We have heard learned counsel appearing on behalf of the appellants and the respondents.

Mr.Pramod Swarup, learned counsel appearing on behalf of the appellant submitted that the pendency of the representation is not a valid ground to condone the delay of four to five years in filing the claim petition before the Tribunal and that the High Court also did not consider that the college was taken over by the Government on 10.10.1974 and that the information was published in the official gazette and, therefore, the respondent No.1 shall be deemed to have knowledge of taking over of the college by the Government as well as requirement of exercising option. He further submits that the High Court has committed an error in holding that the claim was filed within time although the fact on record was that the cause of action had accrued to the respondent No.1 as far back as on 02.07.1977 when his services were terminated with effect from 10.10.1975. However, it is pertinent to notice that the plea of limitation has not been urged before the High Court. This apart, there is no finding on the issue of limitation recorded by the High Court. Concluding his argument, Mr.Pramod Swarup submitted that the respondent No.1 has already received the salary for the entire period from the date of termination till the date of the Tribunal's order dt.30.11.1987 without doing any work and, therefore, if the order of the Tribunal and as affirmed by the High Court has now to be implemented, the appellant/the State Government has to pay lakhs of rupees by way of salary to the respondent without extracting any work from the respondent herein.

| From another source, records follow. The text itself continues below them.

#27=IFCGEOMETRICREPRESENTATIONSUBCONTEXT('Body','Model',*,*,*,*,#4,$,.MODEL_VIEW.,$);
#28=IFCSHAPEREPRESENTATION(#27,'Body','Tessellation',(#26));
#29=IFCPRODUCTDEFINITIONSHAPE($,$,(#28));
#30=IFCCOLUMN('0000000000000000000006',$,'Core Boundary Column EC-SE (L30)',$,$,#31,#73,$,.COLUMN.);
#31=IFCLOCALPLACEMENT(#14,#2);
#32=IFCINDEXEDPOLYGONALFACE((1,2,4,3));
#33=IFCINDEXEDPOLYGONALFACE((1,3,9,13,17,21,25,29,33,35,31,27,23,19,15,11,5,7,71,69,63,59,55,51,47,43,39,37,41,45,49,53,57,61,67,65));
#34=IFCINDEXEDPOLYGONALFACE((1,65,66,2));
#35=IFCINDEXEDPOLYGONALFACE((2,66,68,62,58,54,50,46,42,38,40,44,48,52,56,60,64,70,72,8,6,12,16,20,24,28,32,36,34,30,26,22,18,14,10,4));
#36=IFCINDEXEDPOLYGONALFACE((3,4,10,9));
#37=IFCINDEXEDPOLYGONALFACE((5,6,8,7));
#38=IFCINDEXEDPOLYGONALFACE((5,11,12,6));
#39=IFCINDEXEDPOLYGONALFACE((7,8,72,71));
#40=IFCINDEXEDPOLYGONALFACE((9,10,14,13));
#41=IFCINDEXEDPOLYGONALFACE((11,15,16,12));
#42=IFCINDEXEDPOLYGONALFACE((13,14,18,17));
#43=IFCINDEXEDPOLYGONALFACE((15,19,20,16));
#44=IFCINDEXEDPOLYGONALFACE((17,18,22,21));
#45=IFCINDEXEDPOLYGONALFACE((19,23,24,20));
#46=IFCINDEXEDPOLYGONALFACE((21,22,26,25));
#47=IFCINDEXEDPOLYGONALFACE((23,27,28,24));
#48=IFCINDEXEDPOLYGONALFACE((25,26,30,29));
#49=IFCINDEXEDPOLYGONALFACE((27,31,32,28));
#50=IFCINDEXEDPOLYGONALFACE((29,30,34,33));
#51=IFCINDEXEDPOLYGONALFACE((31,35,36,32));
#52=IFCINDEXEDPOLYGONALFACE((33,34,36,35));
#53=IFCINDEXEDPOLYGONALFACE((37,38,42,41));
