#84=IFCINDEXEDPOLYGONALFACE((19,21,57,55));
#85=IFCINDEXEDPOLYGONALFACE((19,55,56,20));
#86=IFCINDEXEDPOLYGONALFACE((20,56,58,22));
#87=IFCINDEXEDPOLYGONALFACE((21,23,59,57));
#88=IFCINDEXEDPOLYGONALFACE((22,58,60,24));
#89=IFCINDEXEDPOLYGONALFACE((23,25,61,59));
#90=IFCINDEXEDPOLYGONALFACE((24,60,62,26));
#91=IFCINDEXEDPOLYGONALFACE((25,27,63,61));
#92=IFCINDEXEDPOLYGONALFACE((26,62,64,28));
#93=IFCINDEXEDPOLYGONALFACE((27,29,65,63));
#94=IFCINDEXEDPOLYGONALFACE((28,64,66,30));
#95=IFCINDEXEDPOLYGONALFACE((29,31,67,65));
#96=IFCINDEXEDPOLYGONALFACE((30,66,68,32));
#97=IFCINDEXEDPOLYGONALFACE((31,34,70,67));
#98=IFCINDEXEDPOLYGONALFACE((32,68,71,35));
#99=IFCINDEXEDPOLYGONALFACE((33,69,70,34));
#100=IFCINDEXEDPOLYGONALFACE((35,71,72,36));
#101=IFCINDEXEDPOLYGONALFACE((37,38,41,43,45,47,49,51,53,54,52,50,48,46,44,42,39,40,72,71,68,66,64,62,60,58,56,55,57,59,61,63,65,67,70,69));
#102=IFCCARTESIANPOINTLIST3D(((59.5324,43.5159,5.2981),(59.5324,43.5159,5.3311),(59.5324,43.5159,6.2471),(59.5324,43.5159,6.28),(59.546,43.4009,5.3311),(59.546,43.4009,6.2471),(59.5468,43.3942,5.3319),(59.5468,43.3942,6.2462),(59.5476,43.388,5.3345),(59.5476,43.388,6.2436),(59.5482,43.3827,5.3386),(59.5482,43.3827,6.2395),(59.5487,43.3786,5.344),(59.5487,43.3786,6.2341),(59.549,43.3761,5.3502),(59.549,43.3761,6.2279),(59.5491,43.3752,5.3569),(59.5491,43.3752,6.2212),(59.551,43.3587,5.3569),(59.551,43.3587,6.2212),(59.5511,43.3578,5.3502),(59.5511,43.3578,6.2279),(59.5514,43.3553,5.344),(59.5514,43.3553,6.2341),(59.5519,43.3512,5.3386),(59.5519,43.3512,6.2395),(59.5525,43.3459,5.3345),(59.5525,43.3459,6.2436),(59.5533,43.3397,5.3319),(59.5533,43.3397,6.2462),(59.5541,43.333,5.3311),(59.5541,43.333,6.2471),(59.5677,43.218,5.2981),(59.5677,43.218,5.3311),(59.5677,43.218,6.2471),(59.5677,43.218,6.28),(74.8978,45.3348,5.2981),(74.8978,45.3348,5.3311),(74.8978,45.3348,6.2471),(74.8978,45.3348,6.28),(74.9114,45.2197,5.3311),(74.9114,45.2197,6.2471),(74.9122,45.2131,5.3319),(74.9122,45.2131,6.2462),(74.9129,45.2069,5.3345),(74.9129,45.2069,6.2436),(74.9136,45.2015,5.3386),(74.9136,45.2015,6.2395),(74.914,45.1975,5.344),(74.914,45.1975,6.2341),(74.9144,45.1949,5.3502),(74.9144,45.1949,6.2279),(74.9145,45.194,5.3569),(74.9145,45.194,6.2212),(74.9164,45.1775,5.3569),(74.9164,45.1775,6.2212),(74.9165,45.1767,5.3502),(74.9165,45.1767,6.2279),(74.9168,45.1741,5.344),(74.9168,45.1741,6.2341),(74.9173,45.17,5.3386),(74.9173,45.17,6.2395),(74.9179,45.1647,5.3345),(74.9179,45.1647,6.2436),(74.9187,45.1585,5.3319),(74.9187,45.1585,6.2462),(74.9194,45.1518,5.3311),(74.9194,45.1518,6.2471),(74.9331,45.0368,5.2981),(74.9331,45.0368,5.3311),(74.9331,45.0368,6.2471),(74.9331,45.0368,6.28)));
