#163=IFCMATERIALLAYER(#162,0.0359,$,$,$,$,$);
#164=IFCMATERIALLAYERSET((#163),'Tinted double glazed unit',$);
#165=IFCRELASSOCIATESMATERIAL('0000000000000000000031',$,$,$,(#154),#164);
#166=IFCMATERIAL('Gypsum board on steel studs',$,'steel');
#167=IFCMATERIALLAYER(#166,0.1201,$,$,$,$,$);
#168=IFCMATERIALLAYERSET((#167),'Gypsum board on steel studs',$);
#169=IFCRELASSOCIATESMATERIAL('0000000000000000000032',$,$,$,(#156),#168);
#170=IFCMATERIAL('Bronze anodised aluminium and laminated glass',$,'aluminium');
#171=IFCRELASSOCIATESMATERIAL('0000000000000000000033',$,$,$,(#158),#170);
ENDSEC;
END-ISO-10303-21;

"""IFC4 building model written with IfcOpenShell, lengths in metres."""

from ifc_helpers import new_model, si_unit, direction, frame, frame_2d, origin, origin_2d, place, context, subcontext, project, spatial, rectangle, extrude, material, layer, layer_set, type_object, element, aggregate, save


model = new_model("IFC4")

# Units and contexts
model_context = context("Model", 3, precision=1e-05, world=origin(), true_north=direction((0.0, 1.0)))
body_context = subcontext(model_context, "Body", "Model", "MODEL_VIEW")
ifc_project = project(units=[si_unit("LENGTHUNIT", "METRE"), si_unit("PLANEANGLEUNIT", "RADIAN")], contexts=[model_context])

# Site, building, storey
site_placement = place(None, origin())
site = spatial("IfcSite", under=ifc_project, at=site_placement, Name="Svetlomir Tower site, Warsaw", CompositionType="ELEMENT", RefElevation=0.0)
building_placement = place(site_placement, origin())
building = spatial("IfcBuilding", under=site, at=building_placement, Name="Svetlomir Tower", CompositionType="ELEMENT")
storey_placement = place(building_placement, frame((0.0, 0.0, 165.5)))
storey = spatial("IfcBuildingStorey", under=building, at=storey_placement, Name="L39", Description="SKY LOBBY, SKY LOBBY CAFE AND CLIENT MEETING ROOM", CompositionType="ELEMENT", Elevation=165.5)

It is true that both the parties are litigating in court for all these years.

Therefore, the delay cannot be attributed to either parties. Therefore, applying the principle of `no work no pay', we are of the opinion that 50% of the salary if ordered to be paid to the respondent No.1 it would meet the ends of justice. We, therefore, direct the appellant to pay to respondent No.1 the salary from 30.11.1987 till the date of superannuation (the exact date is not known).

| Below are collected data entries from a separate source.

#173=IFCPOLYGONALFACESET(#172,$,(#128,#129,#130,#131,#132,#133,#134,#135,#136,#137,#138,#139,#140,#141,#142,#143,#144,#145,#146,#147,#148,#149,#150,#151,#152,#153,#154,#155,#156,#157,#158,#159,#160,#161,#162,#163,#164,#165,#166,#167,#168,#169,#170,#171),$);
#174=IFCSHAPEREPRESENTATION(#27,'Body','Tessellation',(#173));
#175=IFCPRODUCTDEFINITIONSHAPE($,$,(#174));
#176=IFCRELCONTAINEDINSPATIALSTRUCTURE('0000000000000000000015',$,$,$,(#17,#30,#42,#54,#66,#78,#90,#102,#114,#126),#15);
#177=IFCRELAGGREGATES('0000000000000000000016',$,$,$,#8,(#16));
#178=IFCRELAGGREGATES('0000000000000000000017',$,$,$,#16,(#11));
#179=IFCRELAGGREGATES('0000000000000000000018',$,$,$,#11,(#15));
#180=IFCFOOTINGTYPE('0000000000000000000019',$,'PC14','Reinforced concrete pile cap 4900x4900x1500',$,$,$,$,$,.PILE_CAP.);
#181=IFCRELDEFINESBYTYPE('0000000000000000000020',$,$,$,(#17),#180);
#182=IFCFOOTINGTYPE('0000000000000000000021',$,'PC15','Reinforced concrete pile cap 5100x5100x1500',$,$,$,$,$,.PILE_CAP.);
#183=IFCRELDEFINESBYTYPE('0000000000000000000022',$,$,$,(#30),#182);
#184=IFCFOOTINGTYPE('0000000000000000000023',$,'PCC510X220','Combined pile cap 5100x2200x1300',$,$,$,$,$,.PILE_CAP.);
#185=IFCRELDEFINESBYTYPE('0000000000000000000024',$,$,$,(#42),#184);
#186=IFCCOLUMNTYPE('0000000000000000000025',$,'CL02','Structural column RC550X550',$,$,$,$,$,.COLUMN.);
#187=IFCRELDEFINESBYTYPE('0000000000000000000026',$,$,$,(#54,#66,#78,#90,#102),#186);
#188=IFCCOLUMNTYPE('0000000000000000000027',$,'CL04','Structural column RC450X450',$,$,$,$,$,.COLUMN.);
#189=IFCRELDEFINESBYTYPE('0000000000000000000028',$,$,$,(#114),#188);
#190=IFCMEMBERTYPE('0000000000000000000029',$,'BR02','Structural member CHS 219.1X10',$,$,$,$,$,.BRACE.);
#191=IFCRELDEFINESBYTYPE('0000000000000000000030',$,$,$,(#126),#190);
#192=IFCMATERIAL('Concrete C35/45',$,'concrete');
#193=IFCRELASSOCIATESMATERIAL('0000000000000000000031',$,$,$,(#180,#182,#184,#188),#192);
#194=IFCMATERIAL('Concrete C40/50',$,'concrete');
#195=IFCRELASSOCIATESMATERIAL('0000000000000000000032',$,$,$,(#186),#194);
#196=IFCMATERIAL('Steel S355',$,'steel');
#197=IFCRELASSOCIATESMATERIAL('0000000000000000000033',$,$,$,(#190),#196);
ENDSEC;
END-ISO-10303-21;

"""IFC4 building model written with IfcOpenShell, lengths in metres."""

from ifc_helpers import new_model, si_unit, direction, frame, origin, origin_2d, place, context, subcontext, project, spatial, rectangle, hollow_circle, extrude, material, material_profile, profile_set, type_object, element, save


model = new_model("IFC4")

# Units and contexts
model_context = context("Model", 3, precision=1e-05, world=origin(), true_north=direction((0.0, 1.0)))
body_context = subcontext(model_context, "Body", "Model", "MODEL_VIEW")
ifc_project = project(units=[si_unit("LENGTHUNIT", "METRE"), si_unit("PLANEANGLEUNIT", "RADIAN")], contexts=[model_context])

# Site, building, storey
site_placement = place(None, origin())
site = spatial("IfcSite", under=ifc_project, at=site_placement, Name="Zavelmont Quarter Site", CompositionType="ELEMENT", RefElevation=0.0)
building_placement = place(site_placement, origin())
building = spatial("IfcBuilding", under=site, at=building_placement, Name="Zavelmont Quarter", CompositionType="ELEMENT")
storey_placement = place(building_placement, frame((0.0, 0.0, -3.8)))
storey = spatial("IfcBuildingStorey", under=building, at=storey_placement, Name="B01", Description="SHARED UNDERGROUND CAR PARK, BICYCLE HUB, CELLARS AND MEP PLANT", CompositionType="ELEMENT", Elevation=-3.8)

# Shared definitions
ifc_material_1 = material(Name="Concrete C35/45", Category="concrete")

We also make it clear that the respondent No.1 would be entitled for the salary of lecturer during the relevant period in question. We also however make it clear that he would not be entitled to make a claim by way of salary etc. for any further promotion etc. The Government may also consider whether any pension is payable to the respondent No.1 because the college is now taken over by the State Government.

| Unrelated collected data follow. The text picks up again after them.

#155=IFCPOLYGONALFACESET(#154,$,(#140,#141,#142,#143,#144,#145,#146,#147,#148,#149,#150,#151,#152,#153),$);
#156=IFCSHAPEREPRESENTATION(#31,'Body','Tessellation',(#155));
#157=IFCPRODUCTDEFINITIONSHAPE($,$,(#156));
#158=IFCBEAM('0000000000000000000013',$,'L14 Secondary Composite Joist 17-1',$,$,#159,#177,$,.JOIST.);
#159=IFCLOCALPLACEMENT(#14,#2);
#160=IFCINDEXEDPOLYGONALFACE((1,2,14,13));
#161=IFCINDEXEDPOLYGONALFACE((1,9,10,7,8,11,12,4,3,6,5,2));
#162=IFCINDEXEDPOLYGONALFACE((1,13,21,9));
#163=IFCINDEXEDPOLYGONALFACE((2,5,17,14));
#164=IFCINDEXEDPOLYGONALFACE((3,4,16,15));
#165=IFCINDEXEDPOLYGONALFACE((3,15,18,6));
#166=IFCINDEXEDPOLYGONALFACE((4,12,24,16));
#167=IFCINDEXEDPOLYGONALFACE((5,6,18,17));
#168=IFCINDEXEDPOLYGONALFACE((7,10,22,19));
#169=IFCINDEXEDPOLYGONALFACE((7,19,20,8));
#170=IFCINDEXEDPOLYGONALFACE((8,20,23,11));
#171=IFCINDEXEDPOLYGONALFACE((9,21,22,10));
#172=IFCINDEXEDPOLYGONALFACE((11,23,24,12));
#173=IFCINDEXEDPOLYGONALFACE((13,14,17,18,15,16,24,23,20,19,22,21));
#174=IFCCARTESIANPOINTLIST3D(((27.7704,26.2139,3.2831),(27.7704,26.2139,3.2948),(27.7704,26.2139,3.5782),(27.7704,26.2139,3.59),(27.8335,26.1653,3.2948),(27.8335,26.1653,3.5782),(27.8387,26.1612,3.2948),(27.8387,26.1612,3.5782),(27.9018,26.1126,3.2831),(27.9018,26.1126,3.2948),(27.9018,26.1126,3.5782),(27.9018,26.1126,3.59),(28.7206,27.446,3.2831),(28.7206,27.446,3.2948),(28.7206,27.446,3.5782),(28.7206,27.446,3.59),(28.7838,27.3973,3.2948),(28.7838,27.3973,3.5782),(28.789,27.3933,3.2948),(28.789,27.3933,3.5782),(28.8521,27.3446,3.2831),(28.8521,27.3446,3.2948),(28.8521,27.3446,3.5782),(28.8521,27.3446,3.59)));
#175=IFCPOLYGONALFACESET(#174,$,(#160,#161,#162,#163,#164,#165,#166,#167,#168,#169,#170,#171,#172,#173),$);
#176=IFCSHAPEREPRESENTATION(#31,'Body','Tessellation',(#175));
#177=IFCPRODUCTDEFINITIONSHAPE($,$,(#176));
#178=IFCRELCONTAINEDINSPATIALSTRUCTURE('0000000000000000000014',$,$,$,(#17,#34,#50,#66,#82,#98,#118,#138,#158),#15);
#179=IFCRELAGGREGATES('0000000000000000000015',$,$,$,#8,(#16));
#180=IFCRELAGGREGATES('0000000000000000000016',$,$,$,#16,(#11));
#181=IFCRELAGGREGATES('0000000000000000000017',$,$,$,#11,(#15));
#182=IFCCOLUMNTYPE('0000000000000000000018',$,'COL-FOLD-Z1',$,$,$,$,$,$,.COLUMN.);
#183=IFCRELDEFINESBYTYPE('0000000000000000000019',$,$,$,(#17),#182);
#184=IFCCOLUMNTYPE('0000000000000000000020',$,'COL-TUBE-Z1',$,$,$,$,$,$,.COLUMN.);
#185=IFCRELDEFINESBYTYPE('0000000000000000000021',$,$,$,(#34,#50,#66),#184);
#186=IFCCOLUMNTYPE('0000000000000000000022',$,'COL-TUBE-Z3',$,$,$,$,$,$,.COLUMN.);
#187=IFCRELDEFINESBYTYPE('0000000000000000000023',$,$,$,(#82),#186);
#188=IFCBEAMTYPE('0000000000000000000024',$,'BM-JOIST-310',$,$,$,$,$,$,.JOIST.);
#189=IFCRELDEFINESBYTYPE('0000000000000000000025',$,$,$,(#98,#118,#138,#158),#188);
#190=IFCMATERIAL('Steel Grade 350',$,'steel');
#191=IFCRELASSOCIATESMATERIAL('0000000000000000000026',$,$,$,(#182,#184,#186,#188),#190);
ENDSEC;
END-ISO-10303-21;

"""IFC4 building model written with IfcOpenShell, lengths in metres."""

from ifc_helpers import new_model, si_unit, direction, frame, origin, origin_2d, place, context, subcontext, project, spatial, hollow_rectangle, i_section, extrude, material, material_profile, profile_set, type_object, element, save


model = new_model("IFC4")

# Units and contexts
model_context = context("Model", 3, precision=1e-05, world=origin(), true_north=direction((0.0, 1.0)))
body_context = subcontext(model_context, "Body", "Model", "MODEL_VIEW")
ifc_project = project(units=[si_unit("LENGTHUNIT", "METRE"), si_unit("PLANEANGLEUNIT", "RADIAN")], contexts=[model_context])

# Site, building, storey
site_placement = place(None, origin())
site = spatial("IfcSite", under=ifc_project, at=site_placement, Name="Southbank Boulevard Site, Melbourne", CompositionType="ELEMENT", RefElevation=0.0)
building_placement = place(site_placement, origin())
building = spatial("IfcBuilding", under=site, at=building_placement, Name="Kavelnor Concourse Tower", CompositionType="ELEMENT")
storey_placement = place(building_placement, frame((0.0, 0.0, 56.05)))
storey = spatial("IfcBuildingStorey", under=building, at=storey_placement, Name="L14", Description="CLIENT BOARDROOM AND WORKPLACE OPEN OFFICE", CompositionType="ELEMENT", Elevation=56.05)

The Government is directed to consider the same and pass appropriate orders accordingly.

The Government shall pay the salary to the respondent within three months from today. The Government may also consider the question of payment of pension within the above said period. He is not entitled for reinstatement as directed by the Tribunal or the High Court since he has already retired on superannuation.

The appeal stands disposed of in the above terms. There shall be no order as to costs. The order passed by the Tribunal as affirmed by the High Court is modified accordingly.